The security of cryptographic software such as TLS depends critically on the ability to generate unpredictable numbers for keys and other information. To this end, the tlsmgr(8) process maintains a Pseudo Random Number Generator (PRNG) pool. This is queried by the smtp(8) and smtpd(8) processes when they initialize. By default, these daemons request 32 bytes, the equivalent to 256 bits. This is more than sufficient to generate a 128bit (or 168bit) session key.
Example:
/etc/postfix/main.cf: tls_daemon_random_bytes = 32
In order to feed its in-memory PRNG pool, the tlsmgr(8) reads entropy from an external source, both at startup and during run-time. Specify a good entropy source, like EGD or /dev/urandom; be sure to only use non-blocking sources (on OpenBSD, use /dev/arandom when tlsmgr(8) complains about /dev/urandom timeout errors). If the entropy source is not a regular file, you must prepend the source type to the source name: "dev:" for a device special file, or "egd:" for a source with EGD compatible socket interface.
Examples (specify only one in main.cf):
/etc/postfix/main.cf: tls_random_source = dev:/dev/urandom tls_random_source = egd:/var/run/egd-pool
By default, tlsmgr(8) reads 32 bytes from the external entropy source at each seeding event. This amount (256bits) is more than sufficient for generating a 128bit symmetric key. With EGD and device entropy sources, the tlsmgr(8) limits the amount of data read at each step to 255 bytes. If you specify a regular file as entropy source, a larger amount of data can be read.
Example:
/etc/postfix/main.cf: tls_random_bytes = 32
In order to update its in-memory PRNG pool, the tlsmgr(8) queries the external entropy source again after a pseudo-random amount of time. The time is calculated using the PRNG, and is between 0 and the maximal time specified with tls_random_reseed_period. The default maximal time interval is 1 hour.
Example:
/etc/postfix/main.cf: tls_random_reseed_period = 3600s
The tlsmgr(8) process saves the PRNG state to a persistent exchange file at regular times and when the process terminates, so that it can recover the PRNG state the next time it starts up. This file is created when it does not exist.
Examples:
/etc/postfix/main.cf: tls_random_exchange_name = /var/db/postfix/prng_exch tls_random_prng_update_period = 3600s
As of version 2.5, Postfix no longer uses root privileges when opening this file. The file should now be stored under the Postfix-owned data_directory. As a migration aid, an attempt to open the file under a non-Postfix directory is redirected to the Postfix-owned data_directory, and a warning is logged. If you wish to continue using a pre-existing PRNG state file, move it to the data_directory and change the ownership to the account specified with the mail_owner parameter.
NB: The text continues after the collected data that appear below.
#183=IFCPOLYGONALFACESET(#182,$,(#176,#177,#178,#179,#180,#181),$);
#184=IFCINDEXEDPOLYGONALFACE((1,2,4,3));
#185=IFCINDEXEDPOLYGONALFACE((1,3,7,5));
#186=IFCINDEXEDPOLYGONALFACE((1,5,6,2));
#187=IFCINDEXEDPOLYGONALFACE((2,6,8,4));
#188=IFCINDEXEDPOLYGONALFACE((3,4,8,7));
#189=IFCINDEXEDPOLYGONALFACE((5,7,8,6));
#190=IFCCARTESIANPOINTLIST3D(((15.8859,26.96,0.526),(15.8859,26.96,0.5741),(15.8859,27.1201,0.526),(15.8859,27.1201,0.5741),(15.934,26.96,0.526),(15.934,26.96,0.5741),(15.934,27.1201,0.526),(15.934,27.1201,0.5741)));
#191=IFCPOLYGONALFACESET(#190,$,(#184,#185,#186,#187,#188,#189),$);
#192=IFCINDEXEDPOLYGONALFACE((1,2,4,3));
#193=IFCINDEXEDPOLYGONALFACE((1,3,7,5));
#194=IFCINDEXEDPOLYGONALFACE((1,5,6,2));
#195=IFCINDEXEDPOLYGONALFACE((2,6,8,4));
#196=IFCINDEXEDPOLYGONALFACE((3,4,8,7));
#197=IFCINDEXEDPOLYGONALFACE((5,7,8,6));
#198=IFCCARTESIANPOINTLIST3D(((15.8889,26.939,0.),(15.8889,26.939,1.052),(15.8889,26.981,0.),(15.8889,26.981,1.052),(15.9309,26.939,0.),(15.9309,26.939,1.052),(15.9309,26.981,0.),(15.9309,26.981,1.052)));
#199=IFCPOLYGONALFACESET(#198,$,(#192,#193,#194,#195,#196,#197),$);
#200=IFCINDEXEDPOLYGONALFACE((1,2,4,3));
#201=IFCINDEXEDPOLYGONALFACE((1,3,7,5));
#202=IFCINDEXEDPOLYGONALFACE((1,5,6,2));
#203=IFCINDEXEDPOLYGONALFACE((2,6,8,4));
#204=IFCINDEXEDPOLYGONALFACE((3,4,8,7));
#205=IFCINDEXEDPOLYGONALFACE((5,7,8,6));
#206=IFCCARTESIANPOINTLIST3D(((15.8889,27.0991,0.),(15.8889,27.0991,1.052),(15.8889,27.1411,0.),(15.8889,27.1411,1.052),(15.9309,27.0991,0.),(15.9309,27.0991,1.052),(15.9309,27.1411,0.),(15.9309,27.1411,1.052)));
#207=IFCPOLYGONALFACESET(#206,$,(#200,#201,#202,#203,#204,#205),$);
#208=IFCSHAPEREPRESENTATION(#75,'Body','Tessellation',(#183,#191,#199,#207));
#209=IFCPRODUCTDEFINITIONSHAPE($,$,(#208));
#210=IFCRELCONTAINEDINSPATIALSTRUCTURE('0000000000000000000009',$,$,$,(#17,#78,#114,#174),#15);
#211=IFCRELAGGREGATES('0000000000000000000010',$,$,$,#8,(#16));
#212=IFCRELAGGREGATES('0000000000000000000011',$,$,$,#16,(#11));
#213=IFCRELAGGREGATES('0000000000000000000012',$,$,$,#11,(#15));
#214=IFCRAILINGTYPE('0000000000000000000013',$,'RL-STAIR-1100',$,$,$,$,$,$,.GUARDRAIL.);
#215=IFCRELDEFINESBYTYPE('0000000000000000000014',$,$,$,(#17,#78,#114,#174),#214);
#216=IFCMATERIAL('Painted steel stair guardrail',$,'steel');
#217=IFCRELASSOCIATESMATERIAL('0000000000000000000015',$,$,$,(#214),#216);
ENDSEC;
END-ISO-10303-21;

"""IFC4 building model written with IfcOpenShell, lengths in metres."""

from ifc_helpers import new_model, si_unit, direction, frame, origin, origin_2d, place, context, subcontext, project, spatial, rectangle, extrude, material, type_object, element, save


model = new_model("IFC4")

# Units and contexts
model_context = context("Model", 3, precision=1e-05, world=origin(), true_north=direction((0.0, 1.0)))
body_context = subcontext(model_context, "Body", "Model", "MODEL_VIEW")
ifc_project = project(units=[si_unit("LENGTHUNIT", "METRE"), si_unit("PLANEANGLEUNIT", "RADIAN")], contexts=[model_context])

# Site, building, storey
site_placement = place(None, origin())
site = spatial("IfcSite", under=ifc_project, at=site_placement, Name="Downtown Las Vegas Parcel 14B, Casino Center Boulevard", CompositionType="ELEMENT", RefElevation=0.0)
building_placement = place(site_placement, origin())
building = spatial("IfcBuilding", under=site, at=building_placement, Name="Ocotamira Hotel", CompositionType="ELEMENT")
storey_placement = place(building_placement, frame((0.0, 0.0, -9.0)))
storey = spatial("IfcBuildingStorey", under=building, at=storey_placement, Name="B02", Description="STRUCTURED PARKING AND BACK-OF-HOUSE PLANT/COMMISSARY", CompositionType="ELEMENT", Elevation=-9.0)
With earlier Postfix versions the default file location is under the Postfix configuration directory, which is not the proper place for information that is modified by Postfix.
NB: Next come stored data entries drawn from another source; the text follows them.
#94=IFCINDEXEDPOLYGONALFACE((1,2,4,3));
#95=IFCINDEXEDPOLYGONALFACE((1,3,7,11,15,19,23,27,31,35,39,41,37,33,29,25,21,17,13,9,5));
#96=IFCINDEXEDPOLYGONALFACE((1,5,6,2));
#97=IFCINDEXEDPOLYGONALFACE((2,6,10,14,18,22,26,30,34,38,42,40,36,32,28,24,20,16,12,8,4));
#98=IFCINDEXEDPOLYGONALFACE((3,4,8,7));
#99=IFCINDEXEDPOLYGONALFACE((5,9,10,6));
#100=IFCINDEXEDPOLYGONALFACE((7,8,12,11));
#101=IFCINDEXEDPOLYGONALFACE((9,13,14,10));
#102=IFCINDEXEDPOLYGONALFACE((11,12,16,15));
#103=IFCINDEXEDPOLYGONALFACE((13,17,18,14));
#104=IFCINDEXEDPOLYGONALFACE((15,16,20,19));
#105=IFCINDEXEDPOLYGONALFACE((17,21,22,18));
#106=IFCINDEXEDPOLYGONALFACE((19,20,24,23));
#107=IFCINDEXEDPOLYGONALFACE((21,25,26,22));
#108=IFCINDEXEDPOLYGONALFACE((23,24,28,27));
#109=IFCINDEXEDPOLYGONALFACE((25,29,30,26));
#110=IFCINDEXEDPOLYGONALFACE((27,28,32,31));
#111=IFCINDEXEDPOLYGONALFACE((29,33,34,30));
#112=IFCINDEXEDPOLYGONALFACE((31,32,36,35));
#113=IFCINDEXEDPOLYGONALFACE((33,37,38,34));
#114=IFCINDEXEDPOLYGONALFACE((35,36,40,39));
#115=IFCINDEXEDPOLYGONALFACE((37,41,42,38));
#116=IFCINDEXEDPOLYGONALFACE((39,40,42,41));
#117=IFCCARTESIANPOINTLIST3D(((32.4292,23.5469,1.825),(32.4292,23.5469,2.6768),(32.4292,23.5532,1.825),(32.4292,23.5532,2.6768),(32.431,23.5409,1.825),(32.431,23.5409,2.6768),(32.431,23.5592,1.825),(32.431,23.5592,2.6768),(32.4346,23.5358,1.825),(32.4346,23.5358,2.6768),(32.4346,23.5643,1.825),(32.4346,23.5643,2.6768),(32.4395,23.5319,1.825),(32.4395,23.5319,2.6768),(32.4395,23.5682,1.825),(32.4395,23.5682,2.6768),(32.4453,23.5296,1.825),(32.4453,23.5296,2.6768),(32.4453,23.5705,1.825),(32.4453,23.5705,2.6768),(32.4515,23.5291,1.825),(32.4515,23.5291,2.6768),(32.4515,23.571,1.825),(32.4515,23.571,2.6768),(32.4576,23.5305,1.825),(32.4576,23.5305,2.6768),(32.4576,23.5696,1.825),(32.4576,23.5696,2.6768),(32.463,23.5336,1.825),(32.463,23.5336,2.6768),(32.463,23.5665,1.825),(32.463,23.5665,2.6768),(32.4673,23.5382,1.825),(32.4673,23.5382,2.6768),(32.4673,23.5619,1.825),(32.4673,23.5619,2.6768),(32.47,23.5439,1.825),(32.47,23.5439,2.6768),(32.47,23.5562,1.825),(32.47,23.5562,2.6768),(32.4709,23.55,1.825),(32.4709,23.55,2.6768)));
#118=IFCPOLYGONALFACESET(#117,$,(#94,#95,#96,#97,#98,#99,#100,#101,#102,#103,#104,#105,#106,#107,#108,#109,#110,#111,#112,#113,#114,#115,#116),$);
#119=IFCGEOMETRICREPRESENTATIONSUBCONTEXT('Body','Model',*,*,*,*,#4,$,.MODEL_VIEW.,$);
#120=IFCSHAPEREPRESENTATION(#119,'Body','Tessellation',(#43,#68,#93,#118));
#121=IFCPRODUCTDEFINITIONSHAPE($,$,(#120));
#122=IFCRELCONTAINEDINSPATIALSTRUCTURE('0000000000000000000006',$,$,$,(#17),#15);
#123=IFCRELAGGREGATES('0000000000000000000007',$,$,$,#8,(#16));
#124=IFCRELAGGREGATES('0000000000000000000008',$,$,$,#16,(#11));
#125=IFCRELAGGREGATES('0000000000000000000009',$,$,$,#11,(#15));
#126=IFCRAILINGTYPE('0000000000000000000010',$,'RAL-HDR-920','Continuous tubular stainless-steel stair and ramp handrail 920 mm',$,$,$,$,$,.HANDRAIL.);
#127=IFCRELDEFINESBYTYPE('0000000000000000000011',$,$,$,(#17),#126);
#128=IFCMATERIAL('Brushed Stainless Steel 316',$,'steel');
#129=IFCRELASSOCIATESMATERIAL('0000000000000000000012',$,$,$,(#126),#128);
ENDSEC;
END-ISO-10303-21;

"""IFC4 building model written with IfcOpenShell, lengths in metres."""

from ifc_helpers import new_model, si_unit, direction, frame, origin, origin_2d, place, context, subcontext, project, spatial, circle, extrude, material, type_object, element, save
The following steps will get you started quickly. Because you sign your own Postfix public key certificate, you get TLS encryption but no TLS authentication. This is sufficient for testing, and for exchanging email with sites that you have no trust relationship with. For real authentication you need also enable DNSSEC record signing for your domain and publish TLSA records and/or your Postfix public key certificate needs to be signed by a recognized Certification Authority. To authenticate the certificates of a remote host you need a DNSSEC-validating local resolver and to enable DANE authentication and/or configure the Postfix SMTP client with a list of public key certificates of Certification Authorities, but make sure to read about the limitations of the latter approach.
In the examples below, user input is shown in bold font, and a "#" prompt indicates a super-user shell.
Postfix 3.1 provides built-in support for enabling TLS in the SMTP client and server and for ongoing certificate and DANE TLSA record management.
If you are using Postfix 3.1 or later, and your SMTP client TLS settings are in their default state, you can enable opportunistic TLS in the SMTP client as follows:
# postfix tls enable-client # postfix reload
If some of the Postfix SMTP client TLS settings are not in their default state, this will not make any changes, but will instead suggest the minimal required settings for SMTP client TLS. The "postfix reload" command is optional, it is only needed if you want the settings to take effect right away. Note, this does not enable trust in any public certification authorities, and does not configure client TLS certificates as these are largely pointless with opportunistic TLS.
There is not yet a turn-key command for enabling DANE authentication. This is because DANE requires changes to your resolv.conf file and a corresponding DNSSEC-validating resolver local to the Postfix host, these changes are difficult to automate in a portable way.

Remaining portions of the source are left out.